Although there is a high degree of consistency in data product collection across sites, not all terrestrial/aquatic instrument data products are collected at all terrestrial/aquatic sites. To learn more about measurement collection across site types, visit the pages for Meteorology, Phenocam, Soil, Surface Water, and Groundwater sensor measurements.
Ongoing Data Latency
Instrumented data collected during any given month are published to the NEON Data Portal typically in the second week of the following month. All sites are online and streaming instrumented data, and most instrumented data products are continuously made available according to this monthly schedule.
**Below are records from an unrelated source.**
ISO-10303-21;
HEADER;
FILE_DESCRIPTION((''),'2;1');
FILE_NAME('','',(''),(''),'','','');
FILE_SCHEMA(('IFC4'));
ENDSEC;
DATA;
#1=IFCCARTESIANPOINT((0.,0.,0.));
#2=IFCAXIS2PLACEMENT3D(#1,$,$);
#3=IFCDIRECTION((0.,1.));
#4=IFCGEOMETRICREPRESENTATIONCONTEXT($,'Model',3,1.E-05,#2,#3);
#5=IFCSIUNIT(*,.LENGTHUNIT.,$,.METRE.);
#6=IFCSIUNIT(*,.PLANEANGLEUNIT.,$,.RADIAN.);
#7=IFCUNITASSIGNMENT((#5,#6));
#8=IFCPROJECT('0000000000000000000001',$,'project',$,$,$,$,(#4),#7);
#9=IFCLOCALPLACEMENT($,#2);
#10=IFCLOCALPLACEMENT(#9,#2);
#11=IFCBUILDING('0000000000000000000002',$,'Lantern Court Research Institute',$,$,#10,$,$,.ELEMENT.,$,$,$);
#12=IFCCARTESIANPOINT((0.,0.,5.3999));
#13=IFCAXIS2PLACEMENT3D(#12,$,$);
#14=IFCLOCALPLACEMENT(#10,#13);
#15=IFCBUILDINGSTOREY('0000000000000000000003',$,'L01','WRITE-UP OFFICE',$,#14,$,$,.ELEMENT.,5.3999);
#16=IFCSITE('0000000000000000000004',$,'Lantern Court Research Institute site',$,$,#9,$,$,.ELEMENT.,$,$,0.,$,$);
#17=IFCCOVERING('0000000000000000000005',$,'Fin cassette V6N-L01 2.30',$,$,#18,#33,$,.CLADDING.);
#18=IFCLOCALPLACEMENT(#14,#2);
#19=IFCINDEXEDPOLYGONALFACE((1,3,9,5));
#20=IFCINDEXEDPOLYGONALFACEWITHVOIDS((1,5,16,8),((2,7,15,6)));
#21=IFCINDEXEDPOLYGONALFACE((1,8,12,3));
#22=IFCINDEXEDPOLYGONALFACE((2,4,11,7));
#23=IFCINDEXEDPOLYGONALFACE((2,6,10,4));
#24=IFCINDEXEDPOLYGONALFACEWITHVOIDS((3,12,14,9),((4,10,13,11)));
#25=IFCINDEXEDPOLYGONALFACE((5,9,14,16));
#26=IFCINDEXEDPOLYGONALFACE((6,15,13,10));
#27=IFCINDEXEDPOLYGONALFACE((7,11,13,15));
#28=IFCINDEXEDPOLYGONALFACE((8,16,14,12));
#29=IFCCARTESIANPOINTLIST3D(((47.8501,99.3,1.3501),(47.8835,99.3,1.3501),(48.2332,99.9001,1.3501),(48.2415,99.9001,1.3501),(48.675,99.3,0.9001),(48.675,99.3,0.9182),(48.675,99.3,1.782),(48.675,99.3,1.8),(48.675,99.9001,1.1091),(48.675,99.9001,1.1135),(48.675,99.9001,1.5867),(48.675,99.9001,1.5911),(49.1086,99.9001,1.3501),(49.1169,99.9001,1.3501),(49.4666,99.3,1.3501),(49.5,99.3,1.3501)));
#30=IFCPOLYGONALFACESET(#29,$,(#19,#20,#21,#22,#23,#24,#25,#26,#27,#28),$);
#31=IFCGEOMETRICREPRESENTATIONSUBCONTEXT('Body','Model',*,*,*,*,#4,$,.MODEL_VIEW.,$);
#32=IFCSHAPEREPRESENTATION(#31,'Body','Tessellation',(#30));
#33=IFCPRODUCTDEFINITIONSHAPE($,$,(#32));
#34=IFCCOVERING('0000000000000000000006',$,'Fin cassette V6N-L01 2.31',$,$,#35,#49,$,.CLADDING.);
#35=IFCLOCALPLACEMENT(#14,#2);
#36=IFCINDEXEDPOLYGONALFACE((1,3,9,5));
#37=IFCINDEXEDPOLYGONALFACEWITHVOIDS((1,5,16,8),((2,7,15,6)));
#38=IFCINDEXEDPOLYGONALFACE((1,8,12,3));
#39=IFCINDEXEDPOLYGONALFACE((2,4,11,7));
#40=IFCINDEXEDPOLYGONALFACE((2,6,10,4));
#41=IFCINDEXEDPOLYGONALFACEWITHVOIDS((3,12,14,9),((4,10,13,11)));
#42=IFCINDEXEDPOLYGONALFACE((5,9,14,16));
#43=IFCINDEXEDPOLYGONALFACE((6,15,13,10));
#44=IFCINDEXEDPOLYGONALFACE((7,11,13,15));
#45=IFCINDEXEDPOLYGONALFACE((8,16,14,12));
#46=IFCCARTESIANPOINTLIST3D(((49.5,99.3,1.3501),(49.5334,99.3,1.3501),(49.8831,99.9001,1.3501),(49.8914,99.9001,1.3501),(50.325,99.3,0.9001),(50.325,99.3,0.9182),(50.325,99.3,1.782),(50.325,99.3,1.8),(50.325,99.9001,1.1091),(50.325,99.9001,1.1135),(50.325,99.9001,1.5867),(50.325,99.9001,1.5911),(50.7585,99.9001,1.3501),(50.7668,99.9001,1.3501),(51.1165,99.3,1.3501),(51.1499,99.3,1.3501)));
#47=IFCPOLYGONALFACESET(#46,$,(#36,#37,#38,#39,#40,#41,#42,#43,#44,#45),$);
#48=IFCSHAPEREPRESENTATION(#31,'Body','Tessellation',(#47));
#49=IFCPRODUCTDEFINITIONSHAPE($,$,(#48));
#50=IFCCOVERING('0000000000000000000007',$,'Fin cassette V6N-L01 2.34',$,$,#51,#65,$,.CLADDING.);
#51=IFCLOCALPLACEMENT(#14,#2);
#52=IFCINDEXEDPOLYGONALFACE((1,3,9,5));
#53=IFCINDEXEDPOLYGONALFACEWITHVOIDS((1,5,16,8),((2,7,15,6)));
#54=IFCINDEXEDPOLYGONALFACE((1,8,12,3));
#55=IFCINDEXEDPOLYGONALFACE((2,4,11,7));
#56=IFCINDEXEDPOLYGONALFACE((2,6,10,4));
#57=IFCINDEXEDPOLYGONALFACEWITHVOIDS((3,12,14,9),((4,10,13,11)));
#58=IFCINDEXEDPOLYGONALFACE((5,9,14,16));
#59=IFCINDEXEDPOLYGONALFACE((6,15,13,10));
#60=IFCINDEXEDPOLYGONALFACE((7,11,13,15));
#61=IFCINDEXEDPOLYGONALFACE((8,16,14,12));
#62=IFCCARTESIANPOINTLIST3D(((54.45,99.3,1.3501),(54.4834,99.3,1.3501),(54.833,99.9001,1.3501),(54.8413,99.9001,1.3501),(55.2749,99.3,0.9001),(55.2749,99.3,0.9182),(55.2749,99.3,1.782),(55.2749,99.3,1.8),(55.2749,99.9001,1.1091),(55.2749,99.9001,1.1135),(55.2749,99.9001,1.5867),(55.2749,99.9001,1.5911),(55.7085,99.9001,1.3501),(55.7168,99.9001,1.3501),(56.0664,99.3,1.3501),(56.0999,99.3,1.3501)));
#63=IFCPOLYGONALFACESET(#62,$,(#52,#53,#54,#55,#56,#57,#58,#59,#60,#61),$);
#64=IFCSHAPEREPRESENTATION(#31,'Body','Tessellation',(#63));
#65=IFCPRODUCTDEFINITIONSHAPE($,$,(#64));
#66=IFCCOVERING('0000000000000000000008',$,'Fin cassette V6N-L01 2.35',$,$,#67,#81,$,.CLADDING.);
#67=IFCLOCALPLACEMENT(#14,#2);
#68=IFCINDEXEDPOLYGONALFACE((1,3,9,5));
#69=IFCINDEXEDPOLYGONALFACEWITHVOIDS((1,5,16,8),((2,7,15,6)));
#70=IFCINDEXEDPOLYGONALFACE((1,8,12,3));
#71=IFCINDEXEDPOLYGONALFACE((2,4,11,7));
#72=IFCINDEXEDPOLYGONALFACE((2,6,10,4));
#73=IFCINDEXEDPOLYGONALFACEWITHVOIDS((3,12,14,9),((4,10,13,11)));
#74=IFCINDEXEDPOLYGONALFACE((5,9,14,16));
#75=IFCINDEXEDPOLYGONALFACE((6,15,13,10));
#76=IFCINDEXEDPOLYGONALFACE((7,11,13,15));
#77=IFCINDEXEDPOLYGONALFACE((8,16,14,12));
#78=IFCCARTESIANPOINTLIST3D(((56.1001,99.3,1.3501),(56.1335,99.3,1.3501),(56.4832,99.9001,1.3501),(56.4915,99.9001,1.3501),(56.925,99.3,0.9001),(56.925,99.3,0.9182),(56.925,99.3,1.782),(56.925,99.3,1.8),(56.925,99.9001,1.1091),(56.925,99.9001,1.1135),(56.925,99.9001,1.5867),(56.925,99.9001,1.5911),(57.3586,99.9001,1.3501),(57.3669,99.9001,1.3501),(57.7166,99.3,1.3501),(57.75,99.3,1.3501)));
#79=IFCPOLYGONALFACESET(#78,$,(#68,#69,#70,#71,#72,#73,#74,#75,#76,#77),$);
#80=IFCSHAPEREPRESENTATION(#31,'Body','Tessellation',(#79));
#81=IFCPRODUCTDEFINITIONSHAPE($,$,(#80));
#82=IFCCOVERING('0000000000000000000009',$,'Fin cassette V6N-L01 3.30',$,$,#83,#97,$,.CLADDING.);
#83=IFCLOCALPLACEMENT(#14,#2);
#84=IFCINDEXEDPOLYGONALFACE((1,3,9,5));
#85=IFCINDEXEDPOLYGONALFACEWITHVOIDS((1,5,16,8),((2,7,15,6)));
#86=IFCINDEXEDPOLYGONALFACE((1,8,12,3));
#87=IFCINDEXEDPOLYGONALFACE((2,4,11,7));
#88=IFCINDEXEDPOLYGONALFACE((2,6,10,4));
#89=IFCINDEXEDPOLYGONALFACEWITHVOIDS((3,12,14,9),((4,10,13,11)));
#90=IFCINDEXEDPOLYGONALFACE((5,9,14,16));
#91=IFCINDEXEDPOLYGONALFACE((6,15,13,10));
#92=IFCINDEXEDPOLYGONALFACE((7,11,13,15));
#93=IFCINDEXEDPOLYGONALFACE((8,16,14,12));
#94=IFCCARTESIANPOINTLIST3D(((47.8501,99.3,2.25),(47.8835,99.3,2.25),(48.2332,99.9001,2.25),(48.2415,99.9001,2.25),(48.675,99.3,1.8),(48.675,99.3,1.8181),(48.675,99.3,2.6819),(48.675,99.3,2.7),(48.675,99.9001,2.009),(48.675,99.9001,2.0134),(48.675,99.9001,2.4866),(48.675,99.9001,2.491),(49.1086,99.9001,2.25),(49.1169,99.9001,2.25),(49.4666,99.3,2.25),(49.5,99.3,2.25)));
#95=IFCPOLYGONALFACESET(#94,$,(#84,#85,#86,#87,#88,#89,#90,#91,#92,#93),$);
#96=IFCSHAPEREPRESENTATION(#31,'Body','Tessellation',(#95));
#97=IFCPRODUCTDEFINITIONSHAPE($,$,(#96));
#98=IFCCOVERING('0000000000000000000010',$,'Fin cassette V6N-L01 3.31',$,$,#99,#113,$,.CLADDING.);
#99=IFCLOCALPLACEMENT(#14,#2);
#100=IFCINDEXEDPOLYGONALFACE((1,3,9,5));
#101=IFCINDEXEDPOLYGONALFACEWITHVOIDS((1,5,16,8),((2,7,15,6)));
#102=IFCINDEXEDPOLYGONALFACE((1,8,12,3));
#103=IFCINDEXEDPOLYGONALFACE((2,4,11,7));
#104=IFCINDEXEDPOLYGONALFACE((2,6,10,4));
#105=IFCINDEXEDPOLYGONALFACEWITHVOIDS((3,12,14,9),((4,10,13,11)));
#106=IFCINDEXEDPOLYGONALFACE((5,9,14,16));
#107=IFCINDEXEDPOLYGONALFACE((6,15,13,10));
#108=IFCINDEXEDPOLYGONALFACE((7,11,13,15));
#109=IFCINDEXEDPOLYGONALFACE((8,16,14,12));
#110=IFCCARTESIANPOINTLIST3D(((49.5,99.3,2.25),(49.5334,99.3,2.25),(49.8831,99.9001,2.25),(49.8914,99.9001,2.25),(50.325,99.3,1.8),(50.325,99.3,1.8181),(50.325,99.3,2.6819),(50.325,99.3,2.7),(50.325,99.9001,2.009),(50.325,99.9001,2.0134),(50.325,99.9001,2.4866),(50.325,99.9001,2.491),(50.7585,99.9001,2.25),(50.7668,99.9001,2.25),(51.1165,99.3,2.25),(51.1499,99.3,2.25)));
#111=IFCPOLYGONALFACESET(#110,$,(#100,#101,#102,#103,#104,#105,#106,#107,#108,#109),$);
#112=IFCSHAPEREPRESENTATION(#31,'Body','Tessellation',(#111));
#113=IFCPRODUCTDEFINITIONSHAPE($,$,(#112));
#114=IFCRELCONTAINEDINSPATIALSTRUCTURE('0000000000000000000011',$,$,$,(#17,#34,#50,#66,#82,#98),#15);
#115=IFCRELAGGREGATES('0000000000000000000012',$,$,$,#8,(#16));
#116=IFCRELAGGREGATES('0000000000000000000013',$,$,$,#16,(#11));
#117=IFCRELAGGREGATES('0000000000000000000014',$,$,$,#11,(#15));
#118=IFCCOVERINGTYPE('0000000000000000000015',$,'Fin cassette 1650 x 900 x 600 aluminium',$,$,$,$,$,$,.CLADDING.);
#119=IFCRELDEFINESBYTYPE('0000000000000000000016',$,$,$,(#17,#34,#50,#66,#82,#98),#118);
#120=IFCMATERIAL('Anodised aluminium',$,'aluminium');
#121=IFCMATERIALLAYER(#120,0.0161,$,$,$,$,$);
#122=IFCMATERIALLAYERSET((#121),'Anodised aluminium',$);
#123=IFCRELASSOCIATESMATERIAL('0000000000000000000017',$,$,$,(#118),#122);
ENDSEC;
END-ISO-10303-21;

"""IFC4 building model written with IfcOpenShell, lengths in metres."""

from ifc_helpers import new_model, entity, si_unit, direction, frame, origin, place, context, subcontext, project, spatial, material, layer, layer_set, type_object, element, save


model = new_model("IFC4")

# Units and contexts
model_context = context("Model", 3, precision=1e-05, world=origin(), true_north=direction((0.0, 1.0)))
body_context = subcontext(model_context, "Body", "Model", "MODEL_VIEW")
ifc_project = project(units=[si_unit("LENGTHUNIT", "METRE"), si_unit("PLANEANGLEUNIT", "RADIAN")], contexts=[model_context])

# Site, building, storey
site_placement = place(None, origin())
site = spatial("IfcSite", under=ifc_project, at=site_placement, Name="Lantern Court Research Institute site", CompositionType="ELEMENT", RefElevation=0.0)
building_placement = place(site_placement, origin())
building = spatial("IfcBuilding", under=site, at=building_placement, Name="Lantern Court Research Institute", CompositionType="ELEMENT")
storey_placement = place(building_placement, frame((0.0, 0.0, 5.3999)))
storey = spatial("IfcBuildingStorey", under=building, at=storey_placement, Name="L01", Description="WRITE-UP OFFICE", CompositionType="ELEMENT", Elevation=5.3999)

# Coverings
ifc_material_1 = material(Name="Anodised aluminium", Category="aluminium")
ifc_layer_1 = layer(ifc_material_1, 0.0161)
ifc_layer_set_1 = layer_set([ifc_layer_1], Name="Anodised aluminium")
covering_type_1 = type_object("IfcCoveringType", Name="Fin cassette 1650 x 900 x 600 aluminium", PredefinedType="CLADDING", material=ifc_layer_set_1)
covering_1_placement = place(storey_placement, frame((48.675, 99.3, 1.3501), z_axis=(0.0, 1.0, 0.0), x_axis=(-1.0, 0.0, 0.0)))
cartesian_point_1 = entity("IfcCartesianPoint", [0.825, 0.0])
cartesian_point_2 = entity("IfcCartesianPoint", [0.7915, 0.0])
cartesian_point_3 = entity("IfcCartesianPoint", [0.4419, 0.0])
cartesian_point_4 = entity("IfcCartesianPoint", [0.4336, 0.0])
element("IfcCovering", 1, at=covering_1_placement, inside=storey, type_object=covering_type_1, Name="Fin cassette V6N-L01 2.30", PredefinedType="CLADDING", context=body_context, shape_type="SweptSolid", body=[
    entity("IfcExtrudedAreaSolidTapered", entity("IfcArbitraryProfileDefWithVoids", "AREA", None, entity("IfcPolyline", [cartesian_point_1, entity("IfcCartesianPoint", [0.0, 0.45]), entity("IfcCartesianPoint", [-0.825, 0.0]), entity("IfcCartesianPoint", [0.0, -0.45]), cartesian_point_1]), [entity("IfcPolyline", [cartesian_point_2, entity("IfcCartesianPoint", [0.0, 0.4319]), entity("IfcCartesianPoint", [-0.7915, 0.0]), entity("IfcCartesianPoint", [0.0, -0.4319]), cartesian_point_2])]), entity("IfcAxis2Placement3D", entity("IfcCartesianPoint", [0.0, 0.0, 0.0])), entity("IfcDirection", [0.0, 0.0, 1.0]), 0.6001, entity("IfcArbitraryProfileDefWithVoids", "AREA", None, entity("IfcPolyline", [cartesian_point_3, entity("IfcCartesianPoint", [0.0, 0.241]), entity("IfcCartesianPoint", [-0.4419, 0.0]), entity("IfcCartesianPoint", [0.0, -0.241]), cartesian_point_3]), [entity("IfcPolyline", [cartesian_point_4, entity("IfcCartesianPoint", [0.0, 0.2366]), entity("IfcCartesianPoint", [-0.4336, 0.0]), entity("IfcCartesianPoint", [0.0, -0.2366]), cartesian_point_4])])),
])
covering_2_placement = place(storey_placement, frame((50.325, 99.3, 1.3501), z_axis=(0.0, 1.0, 0.0), x_axis=(-1.0, 0.0, 0.0)))
cartesian_point_5 = entity("IfcCartesianPoint", [0.825, 0.0])
cartesian_point_6 = entity("IfcCartesianPoint", [0.7915, 0.0])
All terrestrial instrumented sites are producing surface-atmosphere exchange data (DP4.00200.001: Bundled data products – eddy covariance) and the processed data availability for all sites is near-current (following the publishing schedule above). However, the code base for this data suite is still being updated frequently to improve quality flagging routines and output data coverage. Thus, reprocessing is anticipated to occur on an ongoing basis until the first static NEON data release occurs at the end of 2020.
Legacy Data Latency
Data collected prior to January 2018 may contain large gaps in coverage or low availability although the site was operational. Legacy data availability will improve as data are reprocessed prior to the first static NEON data release planned for the end of 2020.
Airborne Observation Platform (AOP) Data
Collection Frequency and Data Latency
The AOP collects airborne remote sensing data at a subset of the NEON sites annually. The schedule for each flight season is published on the NEON website several months prior to commencement of collections (see this page for the latest updates on AOP’s flight season schedule), and provides the time period that the AOP will be at each domain. Precise collection times for a site within the domain’s scheduled time period is not predetermined, as it is primarily driven by weather conditions encountered upon arrival. The total collection time required for each site will vary based on the size of the area covered as well as weather conditions. Under good weather conditions, the smallest NEON sites can be collected in a single day, while the largest could take up to a week. If weather conditions prove unsuitable for collections during the entire scheduled time at a domain, portions of sites or entire sites may not be collected. The AOP data will typically be published on the NEON data portal in less than 60 days after the final collection day at a site. All non-legacy data collected to date are currently available.
Legacy Data Latency
The NEON AOP conducted collections of several sites prior to NEON reaching its operational phase. Collections conducted between 2013 and 2016 were processed with algorithms that had not yet reached their current level of maturity. These ‘legacy’ products are currently provided through the NEON data portal and are concurrently undergoing a re-processing so that they conform in structure and quality with current products. Publishing of legacy data has commenced with the publishing of a re-processed site from the 2013 flight season. Publishing of further legacy products is expected to be ongoing until completion which is expected by the end of August 2020.